Polluted water in urban poor communities transmits water-borne diarrheal diseases, such as cholera and typhoid, which can be particularly deadly to children. This evaluation studied whether an inexpensive water chlorination method installed in community hand-pumps reduced disease in poor communities in Dhaka, Bangladesh.
|Research area:||Water Supply, Sanitation and Hygiene|
|Evaluation Sample:||All poor households, with at least one child under five, that access one of 160 studied shared water points in Dhaka.|
|Timeline:||2013 – 2017 (Completed, endline report pending)|
|Intervention:||Water disinfecting technology|
|Researchers:||Stephen Luby, Stanford University; Amy Pickering, Stanford University; Peter Winch, Johns Hopkins University; Michael Kremer, Harvard University; Leanne Unicomb, icddr,b; Farhana Sultana, icddr,b; Pratibha Mistry, World Bank|
|Partners:||Dushtha Shathya Kendra (DSK); Stanford’s Lotus Water Initiative (LWI); J-PAL Urban Services Initiative; Government of Bangladesh; icddr,b; Stanford University; Johns Hopkins University; Harvard University|
Studies have looked at the effectiveness of making available to households free or cheap chlorine (see: Evaluations for chlorination). But distributing chlorine requires changing people’s behavior so they use chlorine tablets or dispensers, which isn’t always easy.

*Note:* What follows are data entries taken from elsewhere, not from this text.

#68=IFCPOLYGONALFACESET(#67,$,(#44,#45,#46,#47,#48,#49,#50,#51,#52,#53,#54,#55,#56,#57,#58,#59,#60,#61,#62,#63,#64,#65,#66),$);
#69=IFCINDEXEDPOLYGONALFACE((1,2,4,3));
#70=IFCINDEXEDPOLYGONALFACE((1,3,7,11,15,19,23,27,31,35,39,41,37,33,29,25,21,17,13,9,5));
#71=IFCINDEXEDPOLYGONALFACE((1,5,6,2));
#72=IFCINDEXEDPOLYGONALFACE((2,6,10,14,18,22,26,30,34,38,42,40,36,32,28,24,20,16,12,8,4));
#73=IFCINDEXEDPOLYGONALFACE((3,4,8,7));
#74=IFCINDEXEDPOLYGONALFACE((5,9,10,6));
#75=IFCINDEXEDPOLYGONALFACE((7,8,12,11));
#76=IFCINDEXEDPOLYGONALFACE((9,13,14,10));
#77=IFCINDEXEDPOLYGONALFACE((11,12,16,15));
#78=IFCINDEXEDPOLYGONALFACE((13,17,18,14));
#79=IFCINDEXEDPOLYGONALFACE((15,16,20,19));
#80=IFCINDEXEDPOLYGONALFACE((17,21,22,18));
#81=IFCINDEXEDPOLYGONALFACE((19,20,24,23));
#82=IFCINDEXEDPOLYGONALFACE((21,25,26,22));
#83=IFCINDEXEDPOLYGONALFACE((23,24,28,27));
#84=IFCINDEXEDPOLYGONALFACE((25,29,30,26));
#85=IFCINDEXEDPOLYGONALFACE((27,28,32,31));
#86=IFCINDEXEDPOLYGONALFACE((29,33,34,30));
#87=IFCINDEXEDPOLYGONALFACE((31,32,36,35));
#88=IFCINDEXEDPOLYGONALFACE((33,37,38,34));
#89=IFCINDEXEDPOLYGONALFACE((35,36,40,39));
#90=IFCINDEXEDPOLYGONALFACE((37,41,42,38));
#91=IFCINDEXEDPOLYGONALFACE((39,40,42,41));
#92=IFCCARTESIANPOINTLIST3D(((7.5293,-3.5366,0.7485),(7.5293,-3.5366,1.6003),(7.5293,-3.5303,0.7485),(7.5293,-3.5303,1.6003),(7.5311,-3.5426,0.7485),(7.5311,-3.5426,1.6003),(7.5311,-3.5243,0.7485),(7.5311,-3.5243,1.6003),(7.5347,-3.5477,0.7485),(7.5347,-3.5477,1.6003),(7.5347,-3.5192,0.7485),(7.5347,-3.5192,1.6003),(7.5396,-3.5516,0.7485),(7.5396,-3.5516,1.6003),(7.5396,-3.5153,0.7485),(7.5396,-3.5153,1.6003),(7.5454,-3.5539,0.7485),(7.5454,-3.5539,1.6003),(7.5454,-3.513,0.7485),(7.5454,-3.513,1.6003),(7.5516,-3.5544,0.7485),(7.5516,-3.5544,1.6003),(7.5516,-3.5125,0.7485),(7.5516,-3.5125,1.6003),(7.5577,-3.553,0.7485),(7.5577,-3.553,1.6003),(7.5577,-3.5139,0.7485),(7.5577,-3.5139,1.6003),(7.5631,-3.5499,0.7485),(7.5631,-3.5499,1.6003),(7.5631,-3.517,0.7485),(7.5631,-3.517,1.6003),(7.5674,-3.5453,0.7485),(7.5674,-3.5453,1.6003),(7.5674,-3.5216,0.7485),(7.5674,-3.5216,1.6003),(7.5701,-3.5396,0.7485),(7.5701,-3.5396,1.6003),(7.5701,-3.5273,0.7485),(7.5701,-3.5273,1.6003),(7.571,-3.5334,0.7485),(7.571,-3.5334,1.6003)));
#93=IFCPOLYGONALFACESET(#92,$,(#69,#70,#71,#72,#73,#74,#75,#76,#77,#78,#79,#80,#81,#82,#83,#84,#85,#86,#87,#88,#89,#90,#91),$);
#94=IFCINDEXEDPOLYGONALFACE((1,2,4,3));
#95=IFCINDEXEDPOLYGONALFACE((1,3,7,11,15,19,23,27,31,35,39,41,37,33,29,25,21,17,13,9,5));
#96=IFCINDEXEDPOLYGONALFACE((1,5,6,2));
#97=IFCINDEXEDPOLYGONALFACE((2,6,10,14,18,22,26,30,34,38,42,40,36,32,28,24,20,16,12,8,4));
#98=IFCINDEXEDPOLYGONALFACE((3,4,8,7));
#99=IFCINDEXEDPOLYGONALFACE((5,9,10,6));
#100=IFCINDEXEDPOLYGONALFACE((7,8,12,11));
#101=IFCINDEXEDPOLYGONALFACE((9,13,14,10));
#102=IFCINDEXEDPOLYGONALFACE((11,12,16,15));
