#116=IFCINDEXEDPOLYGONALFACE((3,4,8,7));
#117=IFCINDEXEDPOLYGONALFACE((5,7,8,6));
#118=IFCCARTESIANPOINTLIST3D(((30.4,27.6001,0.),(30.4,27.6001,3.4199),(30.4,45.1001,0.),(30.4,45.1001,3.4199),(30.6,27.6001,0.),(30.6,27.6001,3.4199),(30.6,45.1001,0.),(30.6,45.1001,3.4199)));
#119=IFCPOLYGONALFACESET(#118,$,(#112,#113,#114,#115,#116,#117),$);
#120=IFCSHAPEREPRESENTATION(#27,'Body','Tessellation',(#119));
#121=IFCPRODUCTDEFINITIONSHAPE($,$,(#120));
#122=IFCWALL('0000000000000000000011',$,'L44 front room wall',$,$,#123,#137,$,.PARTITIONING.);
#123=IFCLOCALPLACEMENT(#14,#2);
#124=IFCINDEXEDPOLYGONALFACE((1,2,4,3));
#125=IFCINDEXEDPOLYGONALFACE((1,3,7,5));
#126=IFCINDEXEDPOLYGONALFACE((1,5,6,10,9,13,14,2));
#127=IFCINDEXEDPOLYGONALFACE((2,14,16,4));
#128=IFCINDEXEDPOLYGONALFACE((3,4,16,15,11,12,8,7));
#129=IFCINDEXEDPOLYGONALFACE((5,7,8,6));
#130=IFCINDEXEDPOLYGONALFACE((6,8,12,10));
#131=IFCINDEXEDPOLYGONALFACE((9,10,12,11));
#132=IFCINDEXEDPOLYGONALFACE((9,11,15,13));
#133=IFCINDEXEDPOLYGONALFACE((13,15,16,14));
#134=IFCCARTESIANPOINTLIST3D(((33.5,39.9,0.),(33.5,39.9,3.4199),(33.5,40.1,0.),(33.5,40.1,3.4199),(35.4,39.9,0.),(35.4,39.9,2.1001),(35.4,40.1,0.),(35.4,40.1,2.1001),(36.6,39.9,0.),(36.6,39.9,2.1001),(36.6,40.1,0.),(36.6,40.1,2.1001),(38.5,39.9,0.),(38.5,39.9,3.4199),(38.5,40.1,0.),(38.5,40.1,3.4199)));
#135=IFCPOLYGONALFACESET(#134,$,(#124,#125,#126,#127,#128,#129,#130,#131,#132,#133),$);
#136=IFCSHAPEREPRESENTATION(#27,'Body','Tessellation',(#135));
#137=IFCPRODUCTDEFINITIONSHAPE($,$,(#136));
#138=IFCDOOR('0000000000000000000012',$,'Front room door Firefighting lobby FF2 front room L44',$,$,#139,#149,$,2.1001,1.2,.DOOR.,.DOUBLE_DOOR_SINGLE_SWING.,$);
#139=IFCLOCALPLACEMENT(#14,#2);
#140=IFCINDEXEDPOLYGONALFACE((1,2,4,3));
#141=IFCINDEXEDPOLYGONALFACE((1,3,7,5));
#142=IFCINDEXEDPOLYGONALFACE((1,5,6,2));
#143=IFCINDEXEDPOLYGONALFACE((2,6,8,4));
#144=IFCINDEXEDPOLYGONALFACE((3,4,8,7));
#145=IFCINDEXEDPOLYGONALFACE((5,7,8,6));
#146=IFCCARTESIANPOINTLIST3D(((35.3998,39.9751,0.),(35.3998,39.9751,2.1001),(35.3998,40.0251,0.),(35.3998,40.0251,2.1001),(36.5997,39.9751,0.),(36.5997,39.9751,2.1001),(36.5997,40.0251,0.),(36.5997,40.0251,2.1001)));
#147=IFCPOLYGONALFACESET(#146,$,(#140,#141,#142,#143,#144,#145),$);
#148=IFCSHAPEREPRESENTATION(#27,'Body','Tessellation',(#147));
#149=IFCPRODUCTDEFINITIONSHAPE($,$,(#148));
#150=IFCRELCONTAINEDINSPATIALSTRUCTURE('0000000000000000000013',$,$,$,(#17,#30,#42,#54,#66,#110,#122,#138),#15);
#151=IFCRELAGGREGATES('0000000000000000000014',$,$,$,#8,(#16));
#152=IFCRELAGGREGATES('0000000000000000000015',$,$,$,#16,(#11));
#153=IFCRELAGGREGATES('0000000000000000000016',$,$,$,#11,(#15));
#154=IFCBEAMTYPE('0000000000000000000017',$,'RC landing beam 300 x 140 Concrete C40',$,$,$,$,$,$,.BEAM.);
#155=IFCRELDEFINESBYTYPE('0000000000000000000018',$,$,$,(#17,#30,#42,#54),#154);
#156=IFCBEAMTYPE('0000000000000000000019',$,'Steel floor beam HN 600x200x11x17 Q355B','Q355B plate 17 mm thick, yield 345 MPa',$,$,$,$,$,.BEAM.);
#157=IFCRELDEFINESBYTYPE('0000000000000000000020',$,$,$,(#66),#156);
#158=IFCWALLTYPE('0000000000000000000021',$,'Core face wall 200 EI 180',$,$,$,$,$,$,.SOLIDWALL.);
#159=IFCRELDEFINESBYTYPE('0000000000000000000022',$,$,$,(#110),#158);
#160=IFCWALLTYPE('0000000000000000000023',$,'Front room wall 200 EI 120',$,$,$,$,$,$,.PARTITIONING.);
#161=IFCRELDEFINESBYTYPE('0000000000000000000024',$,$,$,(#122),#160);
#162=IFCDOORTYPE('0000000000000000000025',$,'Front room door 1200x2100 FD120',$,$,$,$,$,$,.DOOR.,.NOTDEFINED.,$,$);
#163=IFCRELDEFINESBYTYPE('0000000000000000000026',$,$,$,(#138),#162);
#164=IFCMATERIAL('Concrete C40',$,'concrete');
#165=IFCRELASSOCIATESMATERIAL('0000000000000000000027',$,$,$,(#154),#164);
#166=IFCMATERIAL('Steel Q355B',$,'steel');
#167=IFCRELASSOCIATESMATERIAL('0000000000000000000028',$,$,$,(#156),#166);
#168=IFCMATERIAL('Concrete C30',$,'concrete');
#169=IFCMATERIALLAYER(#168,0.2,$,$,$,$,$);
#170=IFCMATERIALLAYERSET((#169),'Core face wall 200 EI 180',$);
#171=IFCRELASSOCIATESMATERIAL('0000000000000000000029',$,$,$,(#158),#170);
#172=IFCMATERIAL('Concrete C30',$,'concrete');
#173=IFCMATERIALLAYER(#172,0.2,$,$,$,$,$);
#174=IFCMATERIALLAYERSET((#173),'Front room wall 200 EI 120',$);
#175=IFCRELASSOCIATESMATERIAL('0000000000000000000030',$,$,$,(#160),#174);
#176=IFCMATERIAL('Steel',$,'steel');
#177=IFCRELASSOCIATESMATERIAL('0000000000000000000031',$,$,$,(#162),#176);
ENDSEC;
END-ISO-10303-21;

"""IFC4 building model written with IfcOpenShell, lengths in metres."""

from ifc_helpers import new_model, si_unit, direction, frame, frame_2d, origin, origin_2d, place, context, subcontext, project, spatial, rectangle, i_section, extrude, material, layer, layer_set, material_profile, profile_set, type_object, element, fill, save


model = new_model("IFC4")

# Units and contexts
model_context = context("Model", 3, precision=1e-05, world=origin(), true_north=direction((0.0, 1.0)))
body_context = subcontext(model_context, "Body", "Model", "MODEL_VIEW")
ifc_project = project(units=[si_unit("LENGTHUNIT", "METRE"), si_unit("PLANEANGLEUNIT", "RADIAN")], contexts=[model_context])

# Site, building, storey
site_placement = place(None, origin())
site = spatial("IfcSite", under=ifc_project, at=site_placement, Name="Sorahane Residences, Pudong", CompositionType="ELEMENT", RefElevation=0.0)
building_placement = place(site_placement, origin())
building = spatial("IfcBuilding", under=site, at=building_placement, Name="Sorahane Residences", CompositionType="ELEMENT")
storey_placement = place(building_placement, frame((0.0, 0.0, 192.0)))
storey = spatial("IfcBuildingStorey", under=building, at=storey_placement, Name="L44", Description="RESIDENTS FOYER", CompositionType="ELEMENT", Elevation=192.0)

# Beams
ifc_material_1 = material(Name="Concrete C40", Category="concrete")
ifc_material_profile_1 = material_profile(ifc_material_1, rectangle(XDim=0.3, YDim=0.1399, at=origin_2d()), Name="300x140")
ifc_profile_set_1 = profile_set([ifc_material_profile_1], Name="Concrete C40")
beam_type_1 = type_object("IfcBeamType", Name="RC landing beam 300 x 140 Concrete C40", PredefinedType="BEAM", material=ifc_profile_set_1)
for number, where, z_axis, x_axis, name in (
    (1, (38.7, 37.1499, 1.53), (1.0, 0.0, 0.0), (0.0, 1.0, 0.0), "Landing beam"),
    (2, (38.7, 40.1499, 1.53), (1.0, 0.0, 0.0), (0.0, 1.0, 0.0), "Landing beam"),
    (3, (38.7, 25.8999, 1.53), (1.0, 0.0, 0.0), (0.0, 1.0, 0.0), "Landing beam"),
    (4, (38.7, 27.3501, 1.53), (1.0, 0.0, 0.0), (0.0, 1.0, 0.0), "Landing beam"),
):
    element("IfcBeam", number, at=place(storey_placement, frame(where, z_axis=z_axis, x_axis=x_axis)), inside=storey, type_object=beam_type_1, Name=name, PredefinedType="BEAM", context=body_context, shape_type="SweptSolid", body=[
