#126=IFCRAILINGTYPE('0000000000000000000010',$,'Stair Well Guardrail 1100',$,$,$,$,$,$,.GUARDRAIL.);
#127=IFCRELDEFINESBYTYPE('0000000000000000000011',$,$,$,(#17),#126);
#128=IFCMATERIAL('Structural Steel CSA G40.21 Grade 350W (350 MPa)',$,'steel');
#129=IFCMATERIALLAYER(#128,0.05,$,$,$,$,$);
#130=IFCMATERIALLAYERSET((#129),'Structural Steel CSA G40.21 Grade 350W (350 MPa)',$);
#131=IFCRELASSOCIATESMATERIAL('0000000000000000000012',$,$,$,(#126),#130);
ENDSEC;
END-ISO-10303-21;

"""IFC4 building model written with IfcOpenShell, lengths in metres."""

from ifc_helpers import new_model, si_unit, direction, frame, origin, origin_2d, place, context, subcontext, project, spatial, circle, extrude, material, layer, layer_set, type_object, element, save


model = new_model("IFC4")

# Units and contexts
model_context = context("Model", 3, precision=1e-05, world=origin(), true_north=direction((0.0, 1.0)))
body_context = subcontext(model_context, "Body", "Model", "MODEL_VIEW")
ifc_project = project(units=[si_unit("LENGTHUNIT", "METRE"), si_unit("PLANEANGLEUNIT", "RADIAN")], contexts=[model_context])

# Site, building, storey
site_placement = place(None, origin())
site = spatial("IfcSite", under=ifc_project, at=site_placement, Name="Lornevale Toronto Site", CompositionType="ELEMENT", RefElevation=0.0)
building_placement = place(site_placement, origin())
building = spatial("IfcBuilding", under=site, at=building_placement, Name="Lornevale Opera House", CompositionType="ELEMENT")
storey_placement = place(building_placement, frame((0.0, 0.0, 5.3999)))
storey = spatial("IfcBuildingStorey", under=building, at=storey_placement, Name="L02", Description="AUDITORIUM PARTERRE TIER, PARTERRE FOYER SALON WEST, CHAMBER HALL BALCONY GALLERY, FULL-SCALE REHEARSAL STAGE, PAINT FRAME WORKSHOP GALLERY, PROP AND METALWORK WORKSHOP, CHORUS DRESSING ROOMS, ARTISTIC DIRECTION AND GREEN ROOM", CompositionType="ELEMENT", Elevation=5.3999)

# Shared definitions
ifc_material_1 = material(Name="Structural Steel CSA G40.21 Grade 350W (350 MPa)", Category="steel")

This project was focused on a method to reduce the global burden of water-related illness by developing and implementing a low-cost, in-line chlorination technology that delivers chlorine automatically when water pumps are used. The results of this impact evaluation can help inform programs seeking to ensure clean water, potentially offering an alternative approach for reducing water-borne illnesses that can harm especially children’s development.
Fully one third of the world's population- approximately 2.3 billion people- rely on shared water points, and this percentage has not changed over the past 20 years (The WHO/UNICEF Joint Monitoring Programme, 2012).
In Dhaka, more than 20 percent of the city’s 15 million residents live in slums and almost all rely on shared taps or handpumps for water. Efforts to market in-home disinfection technologies, such as chlorine products and filters, have not succeeded. Dhaka’s public water utility company has not considered installing disinfecting solutions at shared community distribution points because cost-effective technologies aren’t yet available. In this project, researchers used an inexpensive technology to automatically add chlorine to water dispensed at public taps and shared hand pumps. The technology had no moving parts and did not require electricity to operate.